Customs Minister Casey Costello has since told media the reason for the surge in seizures is that excise increases breached a threshold, creating a big price differential. Health researchers have called that explanation straight out of the tobacco industry playbook.

Then there’s the enforcement gap this government left wide open. It took until May 2026, more than two years after the repeal, for Customs, police and the health sector to even be combined into a single Illicit Tobacco Action Group. By the time that group carried out its first major operation this week, arresting five people and seizing 1.378 million cigarettes across Rotorua, Waikato and Auckland, investigators found the network they broke up had been actively recruiting more retailers to expand. National had years of warning and years of rising seizure data. It moved only once the numbers had become impossible to ignore.

None of this is abstract. Modelling of the repealed legislation found it would have cut smoking deaths by 1,170 within ten years and by 8,150 within twenty, including 2,811 fewer deaths among Māori, who continue to carry a wildly disproportionate share of this country's smoking harm. Every one of those numbers represents a New Zealander whose death this government could have prevented.

The Cancer Society estimated that within the first hundred days of the coalition alone, roughly 585 New Zealanders would die from tobacco related cancer, a toll the repealed law was specifically designed to start bringing down.

As Otago University public health researcher Andrew Waa put it at the time, one death from this toxic product is one too many. Health Coalition Aotearoa co-chair Boyd Swinburn was blunter still, accusing the coalition of putting the profits of the tobacco industry ahead of the health of New Zealanders.

Back in November 2023, RNZ reported:

Smokefree legislation would have driven cigarette black market - Christopher Luxon

Luxon told Morning Report there were "some practical issues" with the amendments to legislation passed last year that National, ACT and New Zealand First disagreed with, such as reducing the number of retailers that could sell tobacco.

The amendments, parts of which are yet to come into force, would also have created a generation of young New Zealanders who would never legally be able to buy cigarettes.

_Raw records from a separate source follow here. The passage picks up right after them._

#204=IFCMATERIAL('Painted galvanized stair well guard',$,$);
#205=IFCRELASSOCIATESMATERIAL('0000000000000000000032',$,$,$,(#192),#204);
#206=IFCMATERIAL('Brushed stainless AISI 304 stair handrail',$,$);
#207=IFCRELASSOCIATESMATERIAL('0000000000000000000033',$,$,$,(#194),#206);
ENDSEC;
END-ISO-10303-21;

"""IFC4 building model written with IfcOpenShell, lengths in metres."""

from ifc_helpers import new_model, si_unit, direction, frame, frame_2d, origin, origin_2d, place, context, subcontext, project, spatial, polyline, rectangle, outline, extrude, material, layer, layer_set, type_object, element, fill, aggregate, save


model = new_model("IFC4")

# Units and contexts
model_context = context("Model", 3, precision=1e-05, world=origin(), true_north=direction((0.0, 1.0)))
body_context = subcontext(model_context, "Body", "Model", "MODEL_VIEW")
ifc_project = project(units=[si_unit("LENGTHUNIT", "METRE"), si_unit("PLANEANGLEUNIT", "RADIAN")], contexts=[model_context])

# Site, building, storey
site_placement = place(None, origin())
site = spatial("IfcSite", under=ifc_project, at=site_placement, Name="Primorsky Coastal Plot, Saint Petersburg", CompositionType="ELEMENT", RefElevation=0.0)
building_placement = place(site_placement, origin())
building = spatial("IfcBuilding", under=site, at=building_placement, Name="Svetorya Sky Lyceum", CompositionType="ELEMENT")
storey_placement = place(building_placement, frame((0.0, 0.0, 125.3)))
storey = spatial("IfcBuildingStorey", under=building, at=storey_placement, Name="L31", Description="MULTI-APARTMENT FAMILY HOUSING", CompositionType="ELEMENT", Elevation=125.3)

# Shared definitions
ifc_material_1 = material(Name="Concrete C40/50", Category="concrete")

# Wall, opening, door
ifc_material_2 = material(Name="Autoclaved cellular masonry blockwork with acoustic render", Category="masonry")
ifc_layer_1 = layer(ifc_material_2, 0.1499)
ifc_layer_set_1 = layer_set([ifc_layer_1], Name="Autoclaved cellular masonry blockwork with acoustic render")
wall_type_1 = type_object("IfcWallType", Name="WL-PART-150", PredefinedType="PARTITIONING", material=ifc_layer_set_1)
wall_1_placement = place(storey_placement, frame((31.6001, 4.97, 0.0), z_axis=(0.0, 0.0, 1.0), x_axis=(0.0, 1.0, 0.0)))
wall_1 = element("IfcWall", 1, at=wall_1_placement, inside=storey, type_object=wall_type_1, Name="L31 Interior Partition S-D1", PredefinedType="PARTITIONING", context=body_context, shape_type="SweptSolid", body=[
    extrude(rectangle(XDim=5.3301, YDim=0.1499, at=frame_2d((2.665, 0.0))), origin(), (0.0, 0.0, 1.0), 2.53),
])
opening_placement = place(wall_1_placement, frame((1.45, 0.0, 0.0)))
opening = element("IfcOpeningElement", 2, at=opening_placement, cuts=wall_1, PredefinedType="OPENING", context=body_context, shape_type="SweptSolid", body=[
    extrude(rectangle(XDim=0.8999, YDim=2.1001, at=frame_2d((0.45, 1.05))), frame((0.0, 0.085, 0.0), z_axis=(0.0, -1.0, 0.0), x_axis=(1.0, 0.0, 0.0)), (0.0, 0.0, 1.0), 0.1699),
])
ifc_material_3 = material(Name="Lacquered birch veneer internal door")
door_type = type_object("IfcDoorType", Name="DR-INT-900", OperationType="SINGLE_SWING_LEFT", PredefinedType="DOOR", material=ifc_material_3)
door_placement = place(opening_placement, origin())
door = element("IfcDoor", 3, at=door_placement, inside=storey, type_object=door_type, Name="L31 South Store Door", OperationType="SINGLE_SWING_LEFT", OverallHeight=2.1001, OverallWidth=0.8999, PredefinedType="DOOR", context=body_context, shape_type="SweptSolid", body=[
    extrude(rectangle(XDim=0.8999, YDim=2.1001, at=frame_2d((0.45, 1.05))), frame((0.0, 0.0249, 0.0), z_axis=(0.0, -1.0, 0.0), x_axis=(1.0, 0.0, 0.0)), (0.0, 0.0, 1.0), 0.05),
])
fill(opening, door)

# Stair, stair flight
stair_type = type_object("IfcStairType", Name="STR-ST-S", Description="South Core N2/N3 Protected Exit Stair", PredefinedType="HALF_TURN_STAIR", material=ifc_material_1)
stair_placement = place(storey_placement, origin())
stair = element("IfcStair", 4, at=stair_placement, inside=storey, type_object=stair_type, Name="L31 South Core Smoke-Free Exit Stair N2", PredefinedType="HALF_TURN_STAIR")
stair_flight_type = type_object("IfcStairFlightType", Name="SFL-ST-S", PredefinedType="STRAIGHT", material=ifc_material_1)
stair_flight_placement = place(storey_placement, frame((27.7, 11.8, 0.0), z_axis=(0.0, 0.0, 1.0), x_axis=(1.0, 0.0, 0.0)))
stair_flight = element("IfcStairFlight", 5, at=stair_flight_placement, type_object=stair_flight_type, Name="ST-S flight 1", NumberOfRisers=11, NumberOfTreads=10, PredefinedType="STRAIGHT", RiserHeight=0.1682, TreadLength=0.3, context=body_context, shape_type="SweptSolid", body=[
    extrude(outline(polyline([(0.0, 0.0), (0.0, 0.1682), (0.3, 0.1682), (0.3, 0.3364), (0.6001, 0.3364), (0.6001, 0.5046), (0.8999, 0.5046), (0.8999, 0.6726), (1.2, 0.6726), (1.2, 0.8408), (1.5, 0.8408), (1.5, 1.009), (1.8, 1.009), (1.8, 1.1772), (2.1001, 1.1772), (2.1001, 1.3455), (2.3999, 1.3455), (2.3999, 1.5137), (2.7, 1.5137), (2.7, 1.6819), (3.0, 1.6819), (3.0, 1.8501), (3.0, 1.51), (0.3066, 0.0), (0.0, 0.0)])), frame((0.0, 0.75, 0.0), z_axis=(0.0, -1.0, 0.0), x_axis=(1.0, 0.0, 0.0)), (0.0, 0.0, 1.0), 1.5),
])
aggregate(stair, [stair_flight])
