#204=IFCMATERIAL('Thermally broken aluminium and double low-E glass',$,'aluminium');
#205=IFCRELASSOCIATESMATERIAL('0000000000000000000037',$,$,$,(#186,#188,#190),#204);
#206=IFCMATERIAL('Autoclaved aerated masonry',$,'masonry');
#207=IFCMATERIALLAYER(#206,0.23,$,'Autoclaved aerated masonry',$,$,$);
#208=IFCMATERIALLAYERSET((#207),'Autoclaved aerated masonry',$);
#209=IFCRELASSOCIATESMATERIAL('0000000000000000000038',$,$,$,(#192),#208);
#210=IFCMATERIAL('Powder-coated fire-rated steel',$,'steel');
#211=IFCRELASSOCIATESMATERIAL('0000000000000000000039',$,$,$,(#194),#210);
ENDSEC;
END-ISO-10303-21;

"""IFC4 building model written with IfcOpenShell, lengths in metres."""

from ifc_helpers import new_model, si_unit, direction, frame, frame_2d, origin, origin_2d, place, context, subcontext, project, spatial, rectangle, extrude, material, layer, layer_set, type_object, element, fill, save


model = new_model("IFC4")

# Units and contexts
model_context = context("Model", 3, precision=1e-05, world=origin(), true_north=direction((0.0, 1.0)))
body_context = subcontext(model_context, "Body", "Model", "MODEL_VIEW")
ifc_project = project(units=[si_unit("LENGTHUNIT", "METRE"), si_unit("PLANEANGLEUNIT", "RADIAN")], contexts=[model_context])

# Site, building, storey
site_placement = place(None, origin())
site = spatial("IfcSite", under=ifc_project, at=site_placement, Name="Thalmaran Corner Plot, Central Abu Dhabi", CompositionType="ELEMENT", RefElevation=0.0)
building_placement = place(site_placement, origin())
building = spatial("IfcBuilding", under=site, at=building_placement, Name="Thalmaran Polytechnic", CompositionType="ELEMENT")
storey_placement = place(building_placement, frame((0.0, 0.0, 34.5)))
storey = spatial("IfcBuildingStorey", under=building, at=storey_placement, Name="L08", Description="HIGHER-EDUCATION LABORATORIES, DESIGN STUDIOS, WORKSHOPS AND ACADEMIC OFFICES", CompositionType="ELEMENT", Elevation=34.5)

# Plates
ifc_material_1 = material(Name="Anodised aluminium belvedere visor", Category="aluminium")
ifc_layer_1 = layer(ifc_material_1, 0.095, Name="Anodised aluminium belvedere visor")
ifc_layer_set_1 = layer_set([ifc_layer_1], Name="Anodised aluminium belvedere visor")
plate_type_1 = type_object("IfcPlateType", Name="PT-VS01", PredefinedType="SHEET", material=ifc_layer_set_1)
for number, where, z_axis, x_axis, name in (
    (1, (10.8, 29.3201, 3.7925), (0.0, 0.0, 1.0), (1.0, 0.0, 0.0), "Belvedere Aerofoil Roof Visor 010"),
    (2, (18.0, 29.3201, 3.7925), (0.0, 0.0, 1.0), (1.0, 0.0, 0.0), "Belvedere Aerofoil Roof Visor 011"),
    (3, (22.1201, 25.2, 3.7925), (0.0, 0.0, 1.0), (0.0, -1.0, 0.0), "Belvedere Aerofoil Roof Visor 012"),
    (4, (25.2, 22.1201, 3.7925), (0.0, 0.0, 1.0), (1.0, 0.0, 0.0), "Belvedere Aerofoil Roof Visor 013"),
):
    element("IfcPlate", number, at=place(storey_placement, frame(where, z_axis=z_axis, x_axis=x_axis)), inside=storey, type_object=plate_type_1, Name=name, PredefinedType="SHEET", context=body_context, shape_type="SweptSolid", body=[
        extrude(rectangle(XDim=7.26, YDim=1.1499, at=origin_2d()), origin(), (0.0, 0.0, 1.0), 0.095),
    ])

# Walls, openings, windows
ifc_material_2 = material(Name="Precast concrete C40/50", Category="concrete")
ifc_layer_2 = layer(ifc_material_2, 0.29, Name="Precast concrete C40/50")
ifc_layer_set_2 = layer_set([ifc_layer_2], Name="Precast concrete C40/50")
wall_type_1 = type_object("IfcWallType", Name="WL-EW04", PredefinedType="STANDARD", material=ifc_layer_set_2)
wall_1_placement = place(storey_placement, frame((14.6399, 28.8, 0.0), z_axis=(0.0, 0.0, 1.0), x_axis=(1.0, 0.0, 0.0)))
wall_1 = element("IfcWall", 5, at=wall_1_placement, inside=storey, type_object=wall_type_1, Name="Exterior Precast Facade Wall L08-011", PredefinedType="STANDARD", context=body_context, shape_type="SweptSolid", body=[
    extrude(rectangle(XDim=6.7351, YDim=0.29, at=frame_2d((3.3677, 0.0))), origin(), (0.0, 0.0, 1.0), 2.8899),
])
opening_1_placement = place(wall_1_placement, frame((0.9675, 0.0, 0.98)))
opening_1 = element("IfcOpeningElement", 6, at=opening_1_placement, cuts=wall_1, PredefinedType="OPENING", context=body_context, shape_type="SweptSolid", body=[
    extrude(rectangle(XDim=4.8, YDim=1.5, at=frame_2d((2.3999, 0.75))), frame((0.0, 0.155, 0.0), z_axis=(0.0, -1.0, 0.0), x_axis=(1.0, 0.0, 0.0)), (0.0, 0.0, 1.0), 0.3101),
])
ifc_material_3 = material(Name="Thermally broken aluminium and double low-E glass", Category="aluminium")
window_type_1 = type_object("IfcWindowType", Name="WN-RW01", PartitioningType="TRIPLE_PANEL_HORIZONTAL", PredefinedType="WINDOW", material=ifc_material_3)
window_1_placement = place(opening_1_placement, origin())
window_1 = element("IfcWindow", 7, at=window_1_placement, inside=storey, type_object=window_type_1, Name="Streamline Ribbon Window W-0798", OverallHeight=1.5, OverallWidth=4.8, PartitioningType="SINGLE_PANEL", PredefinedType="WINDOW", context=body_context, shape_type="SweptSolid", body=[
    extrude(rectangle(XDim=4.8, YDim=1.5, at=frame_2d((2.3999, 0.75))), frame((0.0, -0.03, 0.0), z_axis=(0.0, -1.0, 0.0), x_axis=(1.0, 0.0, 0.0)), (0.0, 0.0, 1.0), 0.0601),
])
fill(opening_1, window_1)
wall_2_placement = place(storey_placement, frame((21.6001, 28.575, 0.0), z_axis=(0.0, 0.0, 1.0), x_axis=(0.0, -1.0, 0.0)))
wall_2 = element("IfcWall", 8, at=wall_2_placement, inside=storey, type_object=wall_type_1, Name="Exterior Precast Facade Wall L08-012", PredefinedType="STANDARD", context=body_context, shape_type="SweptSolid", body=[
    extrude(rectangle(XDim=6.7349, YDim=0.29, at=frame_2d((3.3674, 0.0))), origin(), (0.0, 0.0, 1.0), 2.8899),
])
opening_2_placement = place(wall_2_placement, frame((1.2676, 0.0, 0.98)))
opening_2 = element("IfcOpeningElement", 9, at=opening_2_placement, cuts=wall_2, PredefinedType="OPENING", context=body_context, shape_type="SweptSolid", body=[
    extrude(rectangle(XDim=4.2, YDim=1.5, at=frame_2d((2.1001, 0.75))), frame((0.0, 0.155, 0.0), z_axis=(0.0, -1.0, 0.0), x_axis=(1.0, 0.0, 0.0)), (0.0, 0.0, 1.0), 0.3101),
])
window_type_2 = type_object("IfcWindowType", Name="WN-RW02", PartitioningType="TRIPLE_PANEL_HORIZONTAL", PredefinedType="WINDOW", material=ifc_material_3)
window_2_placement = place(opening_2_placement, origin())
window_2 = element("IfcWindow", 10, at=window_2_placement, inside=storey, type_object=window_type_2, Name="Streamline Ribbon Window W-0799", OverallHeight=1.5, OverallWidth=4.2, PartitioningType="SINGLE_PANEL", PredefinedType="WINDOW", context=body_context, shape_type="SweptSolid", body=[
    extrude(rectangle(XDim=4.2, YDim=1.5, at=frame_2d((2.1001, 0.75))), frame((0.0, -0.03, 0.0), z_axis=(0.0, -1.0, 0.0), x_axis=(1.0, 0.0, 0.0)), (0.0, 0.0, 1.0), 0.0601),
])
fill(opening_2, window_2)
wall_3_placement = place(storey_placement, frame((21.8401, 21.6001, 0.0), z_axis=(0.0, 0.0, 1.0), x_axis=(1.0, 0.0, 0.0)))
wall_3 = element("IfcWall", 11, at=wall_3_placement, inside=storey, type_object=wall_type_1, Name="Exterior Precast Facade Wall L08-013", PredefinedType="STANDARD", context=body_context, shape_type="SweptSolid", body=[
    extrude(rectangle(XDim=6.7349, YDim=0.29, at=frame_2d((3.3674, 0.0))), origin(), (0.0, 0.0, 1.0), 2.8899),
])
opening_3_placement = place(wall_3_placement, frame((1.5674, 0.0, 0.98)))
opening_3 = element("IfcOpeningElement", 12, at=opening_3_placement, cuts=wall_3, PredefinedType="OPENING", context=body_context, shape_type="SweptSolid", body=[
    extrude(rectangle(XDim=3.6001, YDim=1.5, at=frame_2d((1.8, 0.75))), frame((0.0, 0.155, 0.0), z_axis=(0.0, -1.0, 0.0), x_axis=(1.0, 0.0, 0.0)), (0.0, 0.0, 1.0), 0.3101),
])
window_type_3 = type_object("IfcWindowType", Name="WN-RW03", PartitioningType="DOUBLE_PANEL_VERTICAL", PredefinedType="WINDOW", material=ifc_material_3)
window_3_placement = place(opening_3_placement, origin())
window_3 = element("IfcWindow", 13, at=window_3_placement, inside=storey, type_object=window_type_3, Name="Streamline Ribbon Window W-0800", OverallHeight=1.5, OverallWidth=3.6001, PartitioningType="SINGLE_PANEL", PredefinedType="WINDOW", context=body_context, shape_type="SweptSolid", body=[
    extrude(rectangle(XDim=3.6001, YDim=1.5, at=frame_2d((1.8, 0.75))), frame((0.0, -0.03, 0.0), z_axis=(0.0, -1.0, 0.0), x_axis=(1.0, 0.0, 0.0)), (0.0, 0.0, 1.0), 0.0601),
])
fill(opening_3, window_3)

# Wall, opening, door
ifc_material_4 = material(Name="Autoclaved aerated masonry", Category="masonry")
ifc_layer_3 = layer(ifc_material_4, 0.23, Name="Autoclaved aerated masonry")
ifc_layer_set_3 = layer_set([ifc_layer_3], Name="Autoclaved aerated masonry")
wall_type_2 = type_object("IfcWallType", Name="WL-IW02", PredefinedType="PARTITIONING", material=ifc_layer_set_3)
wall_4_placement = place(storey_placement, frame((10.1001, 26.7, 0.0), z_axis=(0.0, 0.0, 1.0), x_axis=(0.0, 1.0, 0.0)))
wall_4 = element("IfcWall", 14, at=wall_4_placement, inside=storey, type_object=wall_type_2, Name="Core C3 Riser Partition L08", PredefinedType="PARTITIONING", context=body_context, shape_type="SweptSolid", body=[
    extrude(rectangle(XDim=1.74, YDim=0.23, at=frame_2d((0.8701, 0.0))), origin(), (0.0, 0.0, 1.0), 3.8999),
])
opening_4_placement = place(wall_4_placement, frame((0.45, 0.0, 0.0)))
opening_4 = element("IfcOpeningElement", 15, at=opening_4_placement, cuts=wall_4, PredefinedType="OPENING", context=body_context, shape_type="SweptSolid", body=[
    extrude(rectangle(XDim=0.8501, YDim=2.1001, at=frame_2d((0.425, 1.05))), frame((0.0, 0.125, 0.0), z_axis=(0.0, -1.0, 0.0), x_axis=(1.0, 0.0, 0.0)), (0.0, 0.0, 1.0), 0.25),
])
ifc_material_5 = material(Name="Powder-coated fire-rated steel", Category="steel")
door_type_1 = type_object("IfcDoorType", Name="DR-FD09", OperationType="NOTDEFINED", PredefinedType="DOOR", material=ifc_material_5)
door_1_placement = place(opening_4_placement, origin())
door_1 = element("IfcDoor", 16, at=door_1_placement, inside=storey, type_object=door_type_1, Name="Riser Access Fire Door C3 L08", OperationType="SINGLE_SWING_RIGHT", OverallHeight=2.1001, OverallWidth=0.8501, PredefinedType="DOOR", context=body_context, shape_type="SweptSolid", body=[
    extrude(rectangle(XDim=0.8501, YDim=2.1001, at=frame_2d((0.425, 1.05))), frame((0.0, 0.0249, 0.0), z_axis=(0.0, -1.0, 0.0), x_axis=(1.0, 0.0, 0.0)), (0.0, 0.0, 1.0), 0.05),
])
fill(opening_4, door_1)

"To say that actually, you can concentrate all that distribution in a few shops and you have one smoke shop in one small town in New Zealand, you can't not tell me that will be a massive target for ramraids and crime; there will be an increased black market - an untaxed black market - for cigarette smokes," he said.


This isn't a government that got the settings wrong through incompetence. It repealed a law on the advice of arguments that mirrored tobacco industry submissions almost word for word, funded partly by a tax break that happened to suit Philip Morris, and then took two and a half years to build an enforcement response to the entirely predictable consequences. The illicit market didn't grow despite National's choices. It grew because of them.

Luxon promised that repealing the law would prevent a black market in tobacco products. Instead he built one, funded the industry driving it, and let it run largely unchecked while people, disproportionately Māori, kept dying of a disease this country was on track to end.